17. Senyum Yang Pulang

107 14 0
                                    


Malam yang semakin larut kini sedikit mendung dari biasanya, terbukti bagaimana gelapnya nabastala di atas sana.

Mengalun sedikit suara gemuruh yang mampu membuat dua insan yang ada dalam satu kamar tersentak.

"Jangan main hp, Ka."

"Kenapa?" tanya Sekala sedikit bingung.

"Nggak liat apa cuacanya kayak gini, ntar kesamber petir lo kalau main hp." Jelas Haidan, sedikit menahan emosi. Karena Sekala itu tipe orang yang batu kalau dikasih tau.

"Iya-iya, nih udah gue simpen." Ucapnya meletakkan dengan pasrah ponsel pada nakas di sebelah. Padahal sedang asyik chattan sama Prima.

Kini keduanya benar-benar dilanda canggung terbukti karena hening yang cukup lama itu tetap menemani tampa ada penambahan topik.

Siapa yang tidak canggung jika pertama kali sekamar bahkan sekasur dengan orang baru. Sekala sih biasa saja tapi Haidan cukup gugup, mungkin?

"Tidur." Ujar Sekala saat mengerti orang di sebelahnya ini masih menatapnya dalam diam.

"Nggak bisa."

"Kenapa?"

"Insom." Celetuk Haidan.

"Lo punya?" tanya Sekala lagi, kini berbalik menghadap Haidan yang tidur terlentang menghadap langit-langit kamar Sekala.

"Iya."

Entah bagaimana bisa rumah yang tidak dikatakan besar juga kecil ini bahkan mampu memberi kenyamanan sekaligus candu bagi Haidan, lebih daripada ia berada di rumah sendiri.

Memang rumah yang ditinggali itu bukan karena besar atau kecil volume rumahnya, tapi orang-orang yang ada di dalamnya.

Orang yang ikut tinggal bersama apakah bisa memberi nyaman atau sebaliknya.

"Dan." Panggil Sekala tiba-tiba.

"Hmm?"

Menghela nafas sejenak, entahlah, perasaannya agak berbeda malam ini.

Sedikit gelisah, capek, dan apalah, susah didefinisikan.

Lama tidak ada jawaban Haidan menoleh ke arah Sekala yang memejam.

"Kenapa?" lantas netra keduanya mulai bertubrukan.

"Lo mau janji lagi nggak sama gue?" tanya Sekala kemudian.

"Janji apa?"

"Janji tentang dapetin atensi bokap lo." Ucapan dari Sekala mengalun bersama setiap tanda tanya di benak Haidan.

"Gue cuman pengen lo bisa rasain rumah yang sebenarnya, Dan.
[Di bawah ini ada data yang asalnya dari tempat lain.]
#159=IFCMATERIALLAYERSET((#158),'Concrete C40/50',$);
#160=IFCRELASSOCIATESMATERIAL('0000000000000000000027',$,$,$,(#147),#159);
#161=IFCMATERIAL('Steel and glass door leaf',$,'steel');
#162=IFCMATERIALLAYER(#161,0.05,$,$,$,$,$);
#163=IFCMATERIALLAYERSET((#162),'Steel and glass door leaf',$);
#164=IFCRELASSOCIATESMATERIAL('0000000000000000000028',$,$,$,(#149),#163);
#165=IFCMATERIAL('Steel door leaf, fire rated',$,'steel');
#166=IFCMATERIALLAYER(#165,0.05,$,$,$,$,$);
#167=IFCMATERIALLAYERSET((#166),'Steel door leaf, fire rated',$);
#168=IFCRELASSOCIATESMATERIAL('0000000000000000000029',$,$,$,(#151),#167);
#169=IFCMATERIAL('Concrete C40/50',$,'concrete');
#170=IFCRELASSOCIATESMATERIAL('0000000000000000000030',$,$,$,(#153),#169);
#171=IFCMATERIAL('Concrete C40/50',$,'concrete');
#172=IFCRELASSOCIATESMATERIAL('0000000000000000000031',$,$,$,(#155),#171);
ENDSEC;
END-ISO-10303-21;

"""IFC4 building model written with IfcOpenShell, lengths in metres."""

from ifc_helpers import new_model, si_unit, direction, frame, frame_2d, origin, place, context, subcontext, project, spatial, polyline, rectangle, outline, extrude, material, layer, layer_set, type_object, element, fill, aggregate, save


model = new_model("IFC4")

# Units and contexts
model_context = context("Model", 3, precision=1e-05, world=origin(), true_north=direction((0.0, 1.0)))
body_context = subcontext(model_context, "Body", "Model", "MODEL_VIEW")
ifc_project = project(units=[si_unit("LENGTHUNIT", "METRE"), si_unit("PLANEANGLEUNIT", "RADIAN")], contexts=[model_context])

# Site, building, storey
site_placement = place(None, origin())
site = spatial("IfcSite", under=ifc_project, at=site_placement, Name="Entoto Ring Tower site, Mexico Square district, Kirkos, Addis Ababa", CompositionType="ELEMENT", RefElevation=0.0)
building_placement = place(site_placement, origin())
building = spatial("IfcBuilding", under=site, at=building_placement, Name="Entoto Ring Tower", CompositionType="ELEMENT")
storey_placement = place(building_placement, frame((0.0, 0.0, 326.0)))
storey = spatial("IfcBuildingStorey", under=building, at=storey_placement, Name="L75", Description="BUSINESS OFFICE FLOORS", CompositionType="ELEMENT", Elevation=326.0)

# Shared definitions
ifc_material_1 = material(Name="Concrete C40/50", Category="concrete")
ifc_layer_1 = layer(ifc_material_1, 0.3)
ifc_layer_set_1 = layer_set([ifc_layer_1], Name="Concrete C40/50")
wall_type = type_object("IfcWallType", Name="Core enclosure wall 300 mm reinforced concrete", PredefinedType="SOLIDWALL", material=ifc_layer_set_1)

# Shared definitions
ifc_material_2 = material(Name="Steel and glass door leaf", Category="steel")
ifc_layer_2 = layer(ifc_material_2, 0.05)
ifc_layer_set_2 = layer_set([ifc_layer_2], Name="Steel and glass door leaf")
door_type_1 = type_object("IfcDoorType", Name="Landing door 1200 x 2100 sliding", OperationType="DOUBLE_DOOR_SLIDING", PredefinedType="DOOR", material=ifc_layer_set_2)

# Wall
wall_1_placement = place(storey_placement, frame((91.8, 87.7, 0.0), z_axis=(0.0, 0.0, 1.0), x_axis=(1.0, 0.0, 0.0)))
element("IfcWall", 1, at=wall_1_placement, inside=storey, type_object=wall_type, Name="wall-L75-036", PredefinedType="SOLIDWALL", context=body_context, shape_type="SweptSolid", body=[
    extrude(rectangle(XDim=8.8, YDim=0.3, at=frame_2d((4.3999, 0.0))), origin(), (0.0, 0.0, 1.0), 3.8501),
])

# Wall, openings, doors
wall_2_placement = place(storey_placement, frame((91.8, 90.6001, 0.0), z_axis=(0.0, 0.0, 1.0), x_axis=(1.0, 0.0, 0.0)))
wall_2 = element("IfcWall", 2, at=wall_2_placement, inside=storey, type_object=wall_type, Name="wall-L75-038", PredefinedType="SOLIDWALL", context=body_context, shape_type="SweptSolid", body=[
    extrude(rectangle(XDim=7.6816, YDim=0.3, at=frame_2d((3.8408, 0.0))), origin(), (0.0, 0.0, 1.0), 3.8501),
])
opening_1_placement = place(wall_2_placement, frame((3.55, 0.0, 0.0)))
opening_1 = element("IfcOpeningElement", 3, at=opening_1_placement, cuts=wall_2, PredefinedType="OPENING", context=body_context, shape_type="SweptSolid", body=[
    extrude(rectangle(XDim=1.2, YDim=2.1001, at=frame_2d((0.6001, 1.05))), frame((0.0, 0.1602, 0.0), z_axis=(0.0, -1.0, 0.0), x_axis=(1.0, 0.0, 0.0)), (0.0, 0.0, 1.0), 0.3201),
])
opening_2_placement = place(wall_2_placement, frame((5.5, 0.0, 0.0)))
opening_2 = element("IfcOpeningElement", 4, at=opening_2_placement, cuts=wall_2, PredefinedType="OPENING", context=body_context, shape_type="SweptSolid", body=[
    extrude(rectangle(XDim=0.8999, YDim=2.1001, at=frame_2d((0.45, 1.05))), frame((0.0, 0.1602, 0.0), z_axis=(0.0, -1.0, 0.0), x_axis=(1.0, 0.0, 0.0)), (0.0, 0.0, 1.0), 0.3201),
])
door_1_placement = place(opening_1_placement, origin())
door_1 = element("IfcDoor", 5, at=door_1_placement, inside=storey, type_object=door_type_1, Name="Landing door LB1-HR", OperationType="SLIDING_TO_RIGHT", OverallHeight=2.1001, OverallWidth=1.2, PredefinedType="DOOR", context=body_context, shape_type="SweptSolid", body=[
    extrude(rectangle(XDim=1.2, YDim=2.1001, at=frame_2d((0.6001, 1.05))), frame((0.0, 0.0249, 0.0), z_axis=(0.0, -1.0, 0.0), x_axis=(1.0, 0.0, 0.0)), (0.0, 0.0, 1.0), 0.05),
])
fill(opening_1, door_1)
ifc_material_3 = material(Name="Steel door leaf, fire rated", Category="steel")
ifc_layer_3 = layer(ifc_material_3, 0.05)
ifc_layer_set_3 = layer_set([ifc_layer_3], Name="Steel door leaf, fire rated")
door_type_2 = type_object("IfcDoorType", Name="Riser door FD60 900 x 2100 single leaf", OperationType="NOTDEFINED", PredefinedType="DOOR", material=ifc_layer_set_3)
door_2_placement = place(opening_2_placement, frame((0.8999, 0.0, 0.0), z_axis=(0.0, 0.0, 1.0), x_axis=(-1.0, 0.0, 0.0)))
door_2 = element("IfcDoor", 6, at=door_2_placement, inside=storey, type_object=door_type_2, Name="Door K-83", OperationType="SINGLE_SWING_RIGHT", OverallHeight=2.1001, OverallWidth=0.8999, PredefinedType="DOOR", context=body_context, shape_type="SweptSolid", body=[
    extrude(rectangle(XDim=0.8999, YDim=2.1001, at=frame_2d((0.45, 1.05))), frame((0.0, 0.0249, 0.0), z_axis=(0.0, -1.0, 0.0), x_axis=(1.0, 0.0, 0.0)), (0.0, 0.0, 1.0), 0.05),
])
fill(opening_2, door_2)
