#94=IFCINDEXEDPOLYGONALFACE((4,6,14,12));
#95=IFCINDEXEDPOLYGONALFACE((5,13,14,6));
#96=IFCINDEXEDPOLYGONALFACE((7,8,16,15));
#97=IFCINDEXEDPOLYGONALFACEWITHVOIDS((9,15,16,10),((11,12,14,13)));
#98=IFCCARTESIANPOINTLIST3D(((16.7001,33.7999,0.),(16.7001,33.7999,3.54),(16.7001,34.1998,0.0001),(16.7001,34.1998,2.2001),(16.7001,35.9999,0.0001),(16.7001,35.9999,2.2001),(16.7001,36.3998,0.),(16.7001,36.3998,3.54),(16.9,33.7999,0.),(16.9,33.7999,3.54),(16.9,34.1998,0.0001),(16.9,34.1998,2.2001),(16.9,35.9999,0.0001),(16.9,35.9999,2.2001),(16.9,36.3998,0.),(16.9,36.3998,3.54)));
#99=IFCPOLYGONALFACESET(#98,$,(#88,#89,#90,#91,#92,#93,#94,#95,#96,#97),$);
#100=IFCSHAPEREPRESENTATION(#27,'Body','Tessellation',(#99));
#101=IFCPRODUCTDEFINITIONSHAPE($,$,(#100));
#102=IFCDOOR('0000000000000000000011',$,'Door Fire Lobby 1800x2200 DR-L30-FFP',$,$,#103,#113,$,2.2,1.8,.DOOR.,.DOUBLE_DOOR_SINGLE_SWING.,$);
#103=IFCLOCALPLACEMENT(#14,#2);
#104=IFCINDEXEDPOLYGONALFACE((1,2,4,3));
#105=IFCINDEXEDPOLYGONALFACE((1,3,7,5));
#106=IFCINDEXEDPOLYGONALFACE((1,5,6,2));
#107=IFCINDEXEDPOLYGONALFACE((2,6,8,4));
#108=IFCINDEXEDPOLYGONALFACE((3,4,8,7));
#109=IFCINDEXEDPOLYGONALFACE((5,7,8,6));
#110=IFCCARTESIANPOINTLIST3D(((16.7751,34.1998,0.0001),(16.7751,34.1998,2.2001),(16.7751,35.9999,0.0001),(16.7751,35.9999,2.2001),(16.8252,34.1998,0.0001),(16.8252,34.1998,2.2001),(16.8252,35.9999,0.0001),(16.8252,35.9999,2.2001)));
Jadi kalau nanti gue udah nggak ada.... gue udah liat lo bahagia sama bokap lo." Ucapan Sekala tersebut mampu membuat Haidan beranjak dari tidurnya.

"Lo ngomong apa sih?!" tampak Haidan yang berusaha menahan emosi.

Apakah sahabatnya ini sedang bermimpi sampai tidak jelas saat berbicara?